As the Action Plan was being negotiated, the rhetoric surrounding security tended to overshadow Canada's attempt to offload responsibility for asylum seekers to the United States. For example, consider Congressional testimony by Kelly Ryan, then Deputy Assistant Secretary of State in the Bureau of Population, Refugees, and Migration at the U.S. Department of State. Ryan praised Canada's eagerness to collaborate with the United States on enhancing security measures, declaring that “the United States and Canada share a common determination to combat terrorism” and a “willingness to develop mutual approaches to our common security.” The examples cited by Ryan for Canada's “tangible security improvements” included, among others, advanced information sharing on international air passengers, “integrated border enforcement teams” of enforcement personnel, and sharing fingerprints and other criminal record information (House of Representatives, 2002).

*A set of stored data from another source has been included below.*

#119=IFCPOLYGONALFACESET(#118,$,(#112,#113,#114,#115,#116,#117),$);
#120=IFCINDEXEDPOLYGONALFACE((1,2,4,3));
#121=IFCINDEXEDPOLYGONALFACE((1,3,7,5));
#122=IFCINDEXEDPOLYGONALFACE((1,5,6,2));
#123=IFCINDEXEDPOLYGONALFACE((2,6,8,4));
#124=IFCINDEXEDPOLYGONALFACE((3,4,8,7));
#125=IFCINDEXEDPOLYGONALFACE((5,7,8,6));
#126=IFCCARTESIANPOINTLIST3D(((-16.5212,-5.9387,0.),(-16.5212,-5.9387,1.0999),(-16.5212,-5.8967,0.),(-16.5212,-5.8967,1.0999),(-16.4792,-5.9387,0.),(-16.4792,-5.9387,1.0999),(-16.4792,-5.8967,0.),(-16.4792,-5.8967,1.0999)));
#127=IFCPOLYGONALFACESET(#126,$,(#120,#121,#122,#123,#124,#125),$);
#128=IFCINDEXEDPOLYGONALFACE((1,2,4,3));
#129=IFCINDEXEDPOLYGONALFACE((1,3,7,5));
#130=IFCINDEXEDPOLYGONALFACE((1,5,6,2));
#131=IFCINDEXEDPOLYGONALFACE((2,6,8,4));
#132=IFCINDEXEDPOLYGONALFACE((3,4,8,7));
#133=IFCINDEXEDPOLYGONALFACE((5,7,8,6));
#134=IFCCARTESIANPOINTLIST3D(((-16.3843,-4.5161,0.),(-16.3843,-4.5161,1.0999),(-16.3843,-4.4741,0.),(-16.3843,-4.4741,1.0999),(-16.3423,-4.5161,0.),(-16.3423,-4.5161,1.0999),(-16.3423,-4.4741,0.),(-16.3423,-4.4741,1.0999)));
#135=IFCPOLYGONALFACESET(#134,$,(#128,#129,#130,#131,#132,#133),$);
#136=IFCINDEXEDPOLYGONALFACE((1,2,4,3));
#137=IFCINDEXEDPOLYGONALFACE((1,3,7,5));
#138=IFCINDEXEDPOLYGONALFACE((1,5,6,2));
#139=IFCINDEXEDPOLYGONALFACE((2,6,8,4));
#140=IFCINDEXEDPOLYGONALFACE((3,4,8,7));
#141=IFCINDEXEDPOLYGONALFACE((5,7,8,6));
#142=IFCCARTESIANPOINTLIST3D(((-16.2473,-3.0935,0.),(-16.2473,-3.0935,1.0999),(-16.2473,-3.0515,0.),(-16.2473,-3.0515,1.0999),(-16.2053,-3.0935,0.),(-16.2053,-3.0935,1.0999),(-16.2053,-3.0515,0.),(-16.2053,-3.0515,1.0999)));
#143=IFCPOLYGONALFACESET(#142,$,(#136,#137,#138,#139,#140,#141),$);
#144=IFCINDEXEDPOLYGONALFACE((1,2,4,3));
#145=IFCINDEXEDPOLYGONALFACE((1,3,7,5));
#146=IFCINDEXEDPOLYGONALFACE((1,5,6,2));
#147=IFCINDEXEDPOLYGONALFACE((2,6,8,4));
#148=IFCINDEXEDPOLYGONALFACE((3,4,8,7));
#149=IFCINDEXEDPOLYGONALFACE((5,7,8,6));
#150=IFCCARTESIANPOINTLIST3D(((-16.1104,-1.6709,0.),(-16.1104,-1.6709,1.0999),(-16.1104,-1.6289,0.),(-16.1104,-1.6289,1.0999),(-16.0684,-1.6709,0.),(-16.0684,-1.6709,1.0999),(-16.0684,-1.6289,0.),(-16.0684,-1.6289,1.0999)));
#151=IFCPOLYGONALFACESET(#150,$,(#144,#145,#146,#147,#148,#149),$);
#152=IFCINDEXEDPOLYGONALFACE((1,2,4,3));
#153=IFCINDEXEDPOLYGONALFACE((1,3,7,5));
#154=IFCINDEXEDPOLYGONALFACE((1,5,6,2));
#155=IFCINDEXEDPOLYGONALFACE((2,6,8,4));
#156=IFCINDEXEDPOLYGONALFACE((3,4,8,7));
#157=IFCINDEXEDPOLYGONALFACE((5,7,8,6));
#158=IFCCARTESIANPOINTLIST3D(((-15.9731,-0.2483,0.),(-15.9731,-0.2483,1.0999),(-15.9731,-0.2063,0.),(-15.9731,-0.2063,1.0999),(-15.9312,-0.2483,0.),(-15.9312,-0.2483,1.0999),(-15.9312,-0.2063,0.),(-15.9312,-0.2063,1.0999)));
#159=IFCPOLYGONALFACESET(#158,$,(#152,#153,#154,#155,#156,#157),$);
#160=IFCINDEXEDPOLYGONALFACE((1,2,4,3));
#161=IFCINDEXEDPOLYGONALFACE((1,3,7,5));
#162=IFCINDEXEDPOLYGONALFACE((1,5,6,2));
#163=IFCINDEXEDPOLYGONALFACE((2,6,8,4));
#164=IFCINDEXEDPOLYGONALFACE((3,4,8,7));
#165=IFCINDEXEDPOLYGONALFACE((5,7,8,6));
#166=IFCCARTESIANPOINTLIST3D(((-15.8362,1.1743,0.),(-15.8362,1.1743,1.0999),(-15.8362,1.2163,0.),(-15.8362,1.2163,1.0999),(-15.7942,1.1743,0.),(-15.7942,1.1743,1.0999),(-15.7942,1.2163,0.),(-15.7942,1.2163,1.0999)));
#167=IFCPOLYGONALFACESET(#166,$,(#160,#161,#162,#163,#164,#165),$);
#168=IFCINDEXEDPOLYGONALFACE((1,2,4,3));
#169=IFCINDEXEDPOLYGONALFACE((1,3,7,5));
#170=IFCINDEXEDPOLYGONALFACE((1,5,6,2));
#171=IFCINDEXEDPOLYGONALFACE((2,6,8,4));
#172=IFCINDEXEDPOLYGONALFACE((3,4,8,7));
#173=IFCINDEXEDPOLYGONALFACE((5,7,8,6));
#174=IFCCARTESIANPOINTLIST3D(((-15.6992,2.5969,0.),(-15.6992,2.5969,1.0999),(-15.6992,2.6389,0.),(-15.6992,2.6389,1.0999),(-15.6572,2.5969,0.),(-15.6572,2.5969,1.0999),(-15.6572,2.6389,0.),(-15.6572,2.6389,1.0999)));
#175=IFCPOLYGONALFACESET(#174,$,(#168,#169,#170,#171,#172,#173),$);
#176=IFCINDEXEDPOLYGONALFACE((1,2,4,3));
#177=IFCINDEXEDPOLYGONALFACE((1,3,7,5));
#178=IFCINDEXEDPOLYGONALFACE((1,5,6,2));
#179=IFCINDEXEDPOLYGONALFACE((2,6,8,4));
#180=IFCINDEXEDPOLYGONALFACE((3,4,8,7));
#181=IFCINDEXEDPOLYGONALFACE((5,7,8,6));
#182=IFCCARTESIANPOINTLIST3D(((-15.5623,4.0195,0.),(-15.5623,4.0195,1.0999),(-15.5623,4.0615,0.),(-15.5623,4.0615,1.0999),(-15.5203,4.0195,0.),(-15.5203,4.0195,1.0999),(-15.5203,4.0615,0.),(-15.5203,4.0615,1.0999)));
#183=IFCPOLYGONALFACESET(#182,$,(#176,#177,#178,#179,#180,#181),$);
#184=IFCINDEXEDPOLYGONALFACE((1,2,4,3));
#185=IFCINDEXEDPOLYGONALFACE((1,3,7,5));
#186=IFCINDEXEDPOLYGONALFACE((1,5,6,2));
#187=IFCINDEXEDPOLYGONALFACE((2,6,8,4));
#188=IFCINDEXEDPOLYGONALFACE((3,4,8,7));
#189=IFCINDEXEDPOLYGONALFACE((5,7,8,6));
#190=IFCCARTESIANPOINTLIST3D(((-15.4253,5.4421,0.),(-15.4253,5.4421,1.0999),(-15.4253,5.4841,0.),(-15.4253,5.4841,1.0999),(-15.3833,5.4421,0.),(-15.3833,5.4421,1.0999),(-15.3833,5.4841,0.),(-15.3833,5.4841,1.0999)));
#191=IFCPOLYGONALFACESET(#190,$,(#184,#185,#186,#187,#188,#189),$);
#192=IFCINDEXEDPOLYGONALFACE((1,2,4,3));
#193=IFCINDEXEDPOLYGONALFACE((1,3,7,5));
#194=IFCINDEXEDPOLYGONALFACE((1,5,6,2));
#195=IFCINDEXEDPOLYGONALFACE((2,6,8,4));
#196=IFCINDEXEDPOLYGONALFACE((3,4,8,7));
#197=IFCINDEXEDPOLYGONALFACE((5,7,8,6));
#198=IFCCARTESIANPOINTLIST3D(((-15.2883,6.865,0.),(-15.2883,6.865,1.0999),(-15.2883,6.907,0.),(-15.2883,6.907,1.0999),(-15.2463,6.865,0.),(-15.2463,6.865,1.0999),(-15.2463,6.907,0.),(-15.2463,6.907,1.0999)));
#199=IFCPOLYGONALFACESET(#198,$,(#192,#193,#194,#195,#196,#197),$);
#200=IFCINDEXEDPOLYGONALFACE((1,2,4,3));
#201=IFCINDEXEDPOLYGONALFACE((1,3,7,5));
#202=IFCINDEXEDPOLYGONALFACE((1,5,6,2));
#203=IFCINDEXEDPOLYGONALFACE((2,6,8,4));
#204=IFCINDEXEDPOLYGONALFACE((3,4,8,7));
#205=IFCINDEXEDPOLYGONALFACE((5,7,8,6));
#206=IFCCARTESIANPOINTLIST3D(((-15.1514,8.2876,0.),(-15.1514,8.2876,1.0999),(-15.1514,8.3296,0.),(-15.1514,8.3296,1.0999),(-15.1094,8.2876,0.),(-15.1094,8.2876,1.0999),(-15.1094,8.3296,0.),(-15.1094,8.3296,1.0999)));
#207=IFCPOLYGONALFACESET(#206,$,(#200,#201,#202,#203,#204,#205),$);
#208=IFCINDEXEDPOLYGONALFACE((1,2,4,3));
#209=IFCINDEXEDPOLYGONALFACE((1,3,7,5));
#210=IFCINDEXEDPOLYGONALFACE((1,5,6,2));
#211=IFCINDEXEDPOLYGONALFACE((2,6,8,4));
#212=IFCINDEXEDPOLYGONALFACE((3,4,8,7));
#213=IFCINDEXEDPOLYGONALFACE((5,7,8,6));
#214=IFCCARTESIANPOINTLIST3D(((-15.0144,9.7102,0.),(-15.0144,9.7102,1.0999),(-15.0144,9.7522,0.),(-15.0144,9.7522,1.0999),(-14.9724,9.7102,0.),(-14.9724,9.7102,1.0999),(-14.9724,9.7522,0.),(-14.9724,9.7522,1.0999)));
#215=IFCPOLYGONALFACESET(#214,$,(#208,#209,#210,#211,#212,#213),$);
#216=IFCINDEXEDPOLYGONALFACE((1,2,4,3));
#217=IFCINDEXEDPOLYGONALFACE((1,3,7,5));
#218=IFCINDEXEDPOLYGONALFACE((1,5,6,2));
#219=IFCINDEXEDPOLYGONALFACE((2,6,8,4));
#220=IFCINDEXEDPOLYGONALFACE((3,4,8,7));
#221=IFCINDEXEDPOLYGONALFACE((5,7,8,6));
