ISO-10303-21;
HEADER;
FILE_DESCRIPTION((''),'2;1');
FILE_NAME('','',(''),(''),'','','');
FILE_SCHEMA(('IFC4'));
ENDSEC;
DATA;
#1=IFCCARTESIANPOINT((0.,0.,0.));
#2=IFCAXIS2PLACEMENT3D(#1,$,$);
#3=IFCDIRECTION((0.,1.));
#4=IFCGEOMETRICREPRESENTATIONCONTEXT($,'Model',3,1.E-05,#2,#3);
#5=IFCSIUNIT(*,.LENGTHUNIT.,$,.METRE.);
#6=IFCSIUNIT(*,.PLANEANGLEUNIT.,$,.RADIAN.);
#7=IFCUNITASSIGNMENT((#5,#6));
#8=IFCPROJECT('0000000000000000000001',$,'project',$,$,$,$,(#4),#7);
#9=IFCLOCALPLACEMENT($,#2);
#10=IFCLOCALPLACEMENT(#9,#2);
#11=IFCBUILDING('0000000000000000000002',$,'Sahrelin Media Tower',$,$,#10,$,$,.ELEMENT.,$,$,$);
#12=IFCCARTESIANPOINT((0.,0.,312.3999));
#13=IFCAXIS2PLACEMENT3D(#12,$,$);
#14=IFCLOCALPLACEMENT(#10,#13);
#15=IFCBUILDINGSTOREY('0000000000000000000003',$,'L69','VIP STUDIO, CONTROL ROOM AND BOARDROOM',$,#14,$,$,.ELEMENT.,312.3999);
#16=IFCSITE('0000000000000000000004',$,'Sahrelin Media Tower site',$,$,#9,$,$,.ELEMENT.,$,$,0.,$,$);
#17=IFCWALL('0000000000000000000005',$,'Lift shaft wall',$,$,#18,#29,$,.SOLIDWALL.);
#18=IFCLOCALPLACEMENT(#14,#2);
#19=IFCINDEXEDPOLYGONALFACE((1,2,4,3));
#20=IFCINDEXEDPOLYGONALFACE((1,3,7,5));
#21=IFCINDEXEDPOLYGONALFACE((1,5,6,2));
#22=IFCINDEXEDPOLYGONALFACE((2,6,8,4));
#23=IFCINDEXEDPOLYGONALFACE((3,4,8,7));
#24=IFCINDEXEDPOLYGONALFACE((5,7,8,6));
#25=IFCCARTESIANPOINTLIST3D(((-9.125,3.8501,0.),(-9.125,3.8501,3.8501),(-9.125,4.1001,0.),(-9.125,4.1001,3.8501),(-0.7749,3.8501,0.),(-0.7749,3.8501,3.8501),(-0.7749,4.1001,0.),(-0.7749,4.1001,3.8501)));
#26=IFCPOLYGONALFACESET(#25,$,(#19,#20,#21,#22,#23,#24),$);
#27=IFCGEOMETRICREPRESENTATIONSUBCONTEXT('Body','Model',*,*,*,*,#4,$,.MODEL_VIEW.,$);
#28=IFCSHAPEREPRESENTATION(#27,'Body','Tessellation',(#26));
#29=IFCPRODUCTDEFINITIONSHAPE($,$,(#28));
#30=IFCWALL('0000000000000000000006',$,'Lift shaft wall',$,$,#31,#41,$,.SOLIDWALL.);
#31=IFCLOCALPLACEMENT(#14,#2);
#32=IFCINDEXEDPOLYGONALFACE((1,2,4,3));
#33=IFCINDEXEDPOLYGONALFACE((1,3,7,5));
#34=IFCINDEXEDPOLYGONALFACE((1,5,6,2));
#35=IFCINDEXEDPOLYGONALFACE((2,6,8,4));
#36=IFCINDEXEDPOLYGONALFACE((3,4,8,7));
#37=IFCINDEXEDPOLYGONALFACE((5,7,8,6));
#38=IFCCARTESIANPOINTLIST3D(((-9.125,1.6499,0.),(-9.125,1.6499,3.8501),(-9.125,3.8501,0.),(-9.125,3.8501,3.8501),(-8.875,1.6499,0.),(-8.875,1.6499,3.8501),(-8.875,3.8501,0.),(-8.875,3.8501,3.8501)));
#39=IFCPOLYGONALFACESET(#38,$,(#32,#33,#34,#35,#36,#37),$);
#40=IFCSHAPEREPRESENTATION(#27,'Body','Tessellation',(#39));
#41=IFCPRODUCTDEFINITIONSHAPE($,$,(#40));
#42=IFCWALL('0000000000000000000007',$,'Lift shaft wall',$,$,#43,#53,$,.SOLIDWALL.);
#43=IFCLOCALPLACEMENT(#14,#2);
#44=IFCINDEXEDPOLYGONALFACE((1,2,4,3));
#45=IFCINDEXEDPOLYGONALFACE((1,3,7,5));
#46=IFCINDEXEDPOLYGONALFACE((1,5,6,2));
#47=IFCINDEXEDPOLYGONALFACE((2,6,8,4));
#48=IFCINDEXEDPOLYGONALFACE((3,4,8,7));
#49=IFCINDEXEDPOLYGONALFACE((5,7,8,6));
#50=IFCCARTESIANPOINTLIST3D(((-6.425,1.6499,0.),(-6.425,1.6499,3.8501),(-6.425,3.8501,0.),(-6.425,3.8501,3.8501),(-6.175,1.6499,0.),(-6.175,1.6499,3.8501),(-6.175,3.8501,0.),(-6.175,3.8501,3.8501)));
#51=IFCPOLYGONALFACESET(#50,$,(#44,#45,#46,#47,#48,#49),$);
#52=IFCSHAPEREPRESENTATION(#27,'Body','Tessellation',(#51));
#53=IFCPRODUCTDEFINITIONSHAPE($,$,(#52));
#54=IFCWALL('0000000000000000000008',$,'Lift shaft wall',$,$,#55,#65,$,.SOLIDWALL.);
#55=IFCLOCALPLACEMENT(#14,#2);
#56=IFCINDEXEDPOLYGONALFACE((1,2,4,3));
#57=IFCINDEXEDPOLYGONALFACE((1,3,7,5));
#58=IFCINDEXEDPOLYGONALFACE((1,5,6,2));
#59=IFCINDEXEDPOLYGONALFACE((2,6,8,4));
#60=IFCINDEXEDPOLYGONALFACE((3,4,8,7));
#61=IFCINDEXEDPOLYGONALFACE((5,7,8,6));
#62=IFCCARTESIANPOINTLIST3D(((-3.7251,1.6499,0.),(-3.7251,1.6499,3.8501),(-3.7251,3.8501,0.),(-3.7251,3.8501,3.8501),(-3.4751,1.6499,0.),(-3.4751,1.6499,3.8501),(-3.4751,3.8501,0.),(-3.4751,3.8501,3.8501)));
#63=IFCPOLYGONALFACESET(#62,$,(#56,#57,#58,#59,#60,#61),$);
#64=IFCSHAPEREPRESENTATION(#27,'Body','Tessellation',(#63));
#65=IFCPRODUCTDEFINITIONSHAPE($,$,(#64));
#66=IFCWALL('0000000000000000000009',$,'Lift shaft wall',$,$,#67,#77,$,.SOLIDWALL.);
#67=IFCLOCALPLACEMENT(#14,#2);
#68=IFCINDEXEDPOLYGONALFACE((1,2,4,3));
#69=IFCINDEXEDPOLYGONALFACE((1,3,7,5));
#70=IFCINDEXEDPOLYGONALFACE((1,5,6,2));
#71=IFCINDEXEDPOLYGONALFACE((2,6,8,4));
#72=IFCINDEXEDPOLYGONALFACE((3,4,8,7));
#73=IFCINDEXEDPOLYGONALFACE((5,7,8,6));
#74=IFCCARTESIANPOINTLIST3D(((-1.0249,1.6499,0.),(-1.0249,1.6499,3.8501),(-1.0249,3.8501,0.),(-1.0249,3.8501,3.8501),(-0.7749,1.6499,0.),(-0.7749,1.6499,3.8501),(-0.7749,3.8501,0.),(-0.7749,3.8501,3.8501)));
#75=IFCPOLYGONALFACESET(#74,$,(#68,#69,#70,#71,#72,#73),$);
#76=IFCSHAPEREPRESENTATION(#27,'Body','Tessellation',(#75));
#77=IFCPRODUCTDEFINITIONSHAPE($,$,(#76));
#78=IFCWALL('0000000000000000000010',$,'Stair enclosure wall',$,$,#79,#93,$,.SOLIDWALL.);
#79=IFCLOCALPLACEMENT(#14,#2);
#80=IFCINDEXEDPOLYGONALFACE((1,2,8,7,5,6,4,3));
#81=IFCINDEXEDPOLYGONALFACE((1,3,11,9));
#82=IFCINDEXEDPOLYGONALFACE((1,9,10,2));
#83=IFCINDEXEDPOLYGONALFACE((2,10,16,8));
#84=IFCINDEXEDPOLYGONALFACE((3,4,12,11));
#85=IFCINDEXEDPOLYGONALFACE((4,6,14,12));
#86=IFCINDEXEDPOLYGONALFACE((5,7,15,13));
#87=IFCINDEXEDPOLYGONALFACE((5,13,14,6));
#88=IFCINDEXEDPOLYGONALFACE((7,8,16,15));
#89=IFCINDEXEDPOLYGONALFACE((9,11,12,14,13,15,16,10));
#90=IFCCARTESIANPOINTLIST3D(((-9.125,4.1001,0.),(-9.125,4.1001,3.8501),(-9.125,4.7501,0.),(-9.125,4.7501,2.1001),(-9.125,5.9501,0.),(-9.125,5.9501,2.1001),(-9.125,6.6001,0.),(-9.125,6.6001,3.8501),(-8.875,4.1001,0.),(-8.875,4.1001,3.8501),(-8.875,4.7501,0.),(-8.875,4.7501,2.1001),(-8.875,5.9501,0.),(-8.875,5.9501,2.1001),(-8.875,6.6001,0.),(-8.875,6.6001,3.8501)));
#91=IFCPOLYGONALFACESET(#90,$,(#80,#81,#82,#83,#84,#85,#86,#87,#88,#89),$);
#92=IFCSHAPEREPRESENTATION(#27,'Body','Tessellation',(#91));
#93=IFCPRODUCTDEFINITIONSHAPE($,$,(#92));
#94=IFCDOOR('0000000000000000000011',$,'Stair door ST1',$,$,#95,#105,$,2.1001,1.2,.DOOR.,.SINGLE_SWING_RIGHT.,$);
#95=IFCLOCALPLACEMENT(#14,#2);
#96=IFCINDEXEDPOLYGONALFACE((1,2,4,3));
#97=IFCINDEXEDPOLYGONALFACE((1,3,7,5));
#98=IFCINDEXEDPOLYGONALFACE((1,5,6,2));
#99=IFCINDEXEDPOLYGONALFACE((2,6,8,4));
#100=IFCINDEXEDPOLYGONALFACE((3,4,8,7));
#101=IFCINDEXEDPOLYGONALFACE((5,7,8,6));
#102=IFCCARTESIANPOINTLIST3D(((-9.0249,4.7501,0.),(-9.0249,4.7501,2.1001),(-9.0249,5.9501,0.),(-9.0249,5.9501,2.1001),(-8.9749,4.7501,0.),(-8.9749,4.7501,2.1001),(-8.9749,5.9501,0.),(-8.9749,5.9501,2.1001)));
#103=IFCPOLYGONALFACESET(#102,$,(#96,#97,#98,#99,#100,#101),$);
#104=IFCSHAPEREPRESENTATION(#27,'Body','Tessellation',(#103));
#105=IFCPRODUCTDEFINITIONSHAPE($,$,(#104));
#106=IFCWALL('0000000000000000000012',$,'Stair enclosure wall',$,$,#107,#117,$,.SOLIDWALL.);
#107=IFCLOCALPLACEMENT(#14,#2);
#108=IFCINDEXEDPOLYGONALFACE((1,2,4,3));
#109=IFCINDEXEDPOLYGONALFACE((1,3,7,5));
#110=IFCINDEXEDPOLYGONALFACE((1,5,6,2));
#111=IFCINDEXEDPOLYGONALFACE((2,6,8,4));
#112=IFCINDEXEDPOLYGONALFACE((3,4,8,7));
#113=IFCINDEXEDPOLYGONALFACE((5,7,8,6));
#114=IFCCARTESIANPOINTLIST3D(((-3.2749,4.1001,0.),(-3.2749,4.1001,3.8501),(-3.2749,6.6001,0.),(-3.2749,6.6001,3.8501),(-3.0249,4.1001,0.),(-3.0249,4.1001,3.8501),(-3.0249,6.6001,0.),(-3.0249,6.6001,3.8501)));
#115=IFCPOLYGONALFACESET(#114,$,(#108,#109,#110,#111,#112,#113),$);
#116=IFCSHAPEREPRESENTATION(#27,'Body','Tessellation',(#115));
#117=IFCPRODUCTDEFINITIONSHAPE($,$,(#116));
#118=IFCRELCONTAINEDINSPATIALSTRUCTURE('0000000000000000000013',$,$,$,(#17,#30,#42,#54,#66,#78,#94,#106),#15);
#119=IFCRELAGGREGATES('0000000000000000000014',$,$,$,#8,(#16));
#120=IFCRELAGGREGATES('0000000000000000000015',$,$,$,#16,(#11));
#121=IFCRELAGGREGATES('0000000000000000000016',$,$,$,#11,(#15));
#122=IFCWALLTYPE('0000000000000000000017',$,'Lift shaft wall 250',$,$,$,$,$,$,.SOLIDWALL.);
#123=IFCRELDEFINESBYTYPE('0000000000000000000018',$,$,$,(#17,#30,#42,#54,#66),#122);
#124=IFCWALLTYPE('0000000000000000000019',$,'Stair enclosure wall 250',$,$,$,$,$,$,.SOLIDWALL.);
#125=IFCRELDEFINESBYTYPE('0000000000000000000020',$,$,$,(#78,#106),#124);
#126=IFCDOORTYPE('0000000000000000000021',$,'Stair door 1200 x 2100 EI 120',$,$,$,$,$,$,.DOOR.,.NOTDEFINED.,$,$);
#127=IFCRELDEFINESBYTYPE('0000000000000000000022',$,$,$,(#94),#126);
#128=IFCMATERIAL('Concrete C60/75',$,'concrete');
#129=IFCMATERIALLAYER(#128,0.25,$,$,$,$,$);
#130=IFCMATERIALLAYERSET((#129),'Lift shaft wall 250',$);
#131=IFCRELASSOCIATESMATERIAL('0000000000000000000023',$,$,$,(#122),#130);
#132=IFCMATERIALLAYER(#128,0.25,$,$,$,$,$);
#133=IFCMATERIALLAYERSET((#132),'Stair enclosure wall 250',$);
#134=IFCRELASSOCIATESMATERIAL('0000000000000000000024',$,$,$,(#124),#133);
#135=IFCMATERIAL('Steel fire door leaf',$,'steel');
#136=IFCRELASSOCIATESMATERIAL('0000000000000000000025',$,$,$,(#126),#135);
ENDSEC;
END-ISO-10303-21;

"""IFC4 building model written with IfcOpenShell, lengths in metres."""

from ifc_helpers import new_model, si_unit, direction, frame, frame_2d, origin, place, context, subcontext, project, spatial, rectangle, extrude, material, layer, layer_set, type_object, element, fill, save


model = new_model("IFC4")

# Units and contexts
model_context = context("Model", 3, precision=1e-05, world=origin(), true_north=direction((0.0, 1.0)))
body_context = subcontext(model_context, "Body", "Model", "MODEL_VIEW")
ifc_project = project(units=[si_unit("LENGTHUNIT", "METRE"), si_unit("PLANEANGLEUNIT", "RADIAN")], contexts=[model_context])

# Site, building, storey
site_placement = place(None, origin())
site = spatial("IfcSite", under=ifc_project, at=site_placement, Name="Sahrelin Media Tower site", CompositionType="ELEMENT", RefElevation=0.0)
building_placement = place(site_placement, origin())
building = spatial("IfcBuilding", under=site, at=building_placement, Name="Sahrelin Media Tower", CompositionType="ELEMENT")
storey_placement = place(building_placement, frame((0.0, 0.0, 312.3999)))
storey = spatial("IfcBuildingStorey", under=building, at=storey_placement, Name="L69", Description="VIP STUDIO, CONTROL ROOM AND BOARDROOM", CompositionType="ELEMENT", Elevation=312.3999)

# Shared definitions
ifc_material_1 = material(Name="Concrete C60/75", Category="concrete")

# Shared definitions
ifc_layer_1 = layer(ifc_material_1, 0.25)
ifc_layer_set_1 = layer_set([ifc_layer_1], Name="Lift shaft wall 250")
wall_type_1 = type_object("IfcWallType", Name="Lift shaft wall 250", PredefinedType="SOLIDWALL", material=ifc_layer_set_1)

# Walls
wall_1_placement = place(storey_placement, frame((-9.125, 3.9751, 0.0), z_axis=(0.0, 0.0, 1.0), x_axis=(1.0, 0.0, 0.0)))
element("IfcWall", 1, at=wall_1_placement, inside=storey, type_object=wall_type_1, Name="Lift shaft wall", PredefinedType="SOLIDWALL", context=body_context, shape_type="SweptSolid", body=[
    extrude(rectangle(XDim=8.3501, YDim=0.25, at=frame_2d((4.175, 0.0))), origin(), (0.0, 0.0, 1.0), 3.8501),
])
for number, where, z_axis, x_axis, name in (
    (2, (-9.0, 1.6499, 0.0), (0.0, 0.0, 1.0), (0.0, 1.0, 0.0), "Lift shaft wall"),
    (3, (-6.3, 1.6499, 0.0), (0.0, 0.0, 1.0), (0.0, 1.0, 0.0), "Lift shaft wall"),
    (4, (-3.6001, 1.6499, 0.0), (0.0, 0.0, 1.0), (0.0, 1.0, 0.0), "Lift shaft wall"),
    (5, (-0.8999, 1.6499, 0.0), (0.0, 0.0, 1.0), (0.0, 1.0, 0.0), "Lift shaft wall"),
):
    element("IfcWall", number, at=place(storey_placement, frame(where, z_axis=z_axis, x_axis=x_axis)), inside=storey, type_object=wall_type_1, Name=name, PredefinedType="SOLIDWALL", context=body_context, shape_type="SweptSolid", body=[
        extrude(rectangle(XDim=2.2002, YDim=0.25, at=frame_2d((1.1001, 0.0))), origin(), (0.0, 0.0, 1.0), 3.8501),
    ])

With overarching national security preoccupations in the United States post-9/11, criticisms of Canada's supposed lack of border security were common. Ryan's testimony is but one example of the emphasis placed on Canada's perceived lack of border security in the fight against terrorism. Such rhetoric directly tied terrorism to regulating the flow of asylum seekers, showcasing that “the glue binding asylum seeker and terrorist adheres just enough that invoking the former suffices to bring the latter to mind” (Macklin, 2005, p. 410). Consider, for example, the critiques of Canada for insecure borders and for insufficient measures to prevent organized crime and terrorism, in the Congressional testimony of Mark Krikorian, the Executive Director of the Center for Immigration Studies (House of Representatives, 2002):
the United States has an important security interest in Canada's applying the safe third country proposal and incorporating it into its own asylum system. According to the Canadian equivalent of our asylum, more than 50 terrorist groups have established themselves in Canada, partly because of a laxity of that country's asylum system. […] [I]deally, all applicants for asylum should be detained until their cases are decided. So, sure, I would rather have a potential terrorist [locked] up in New Jersey than working in Manitoba.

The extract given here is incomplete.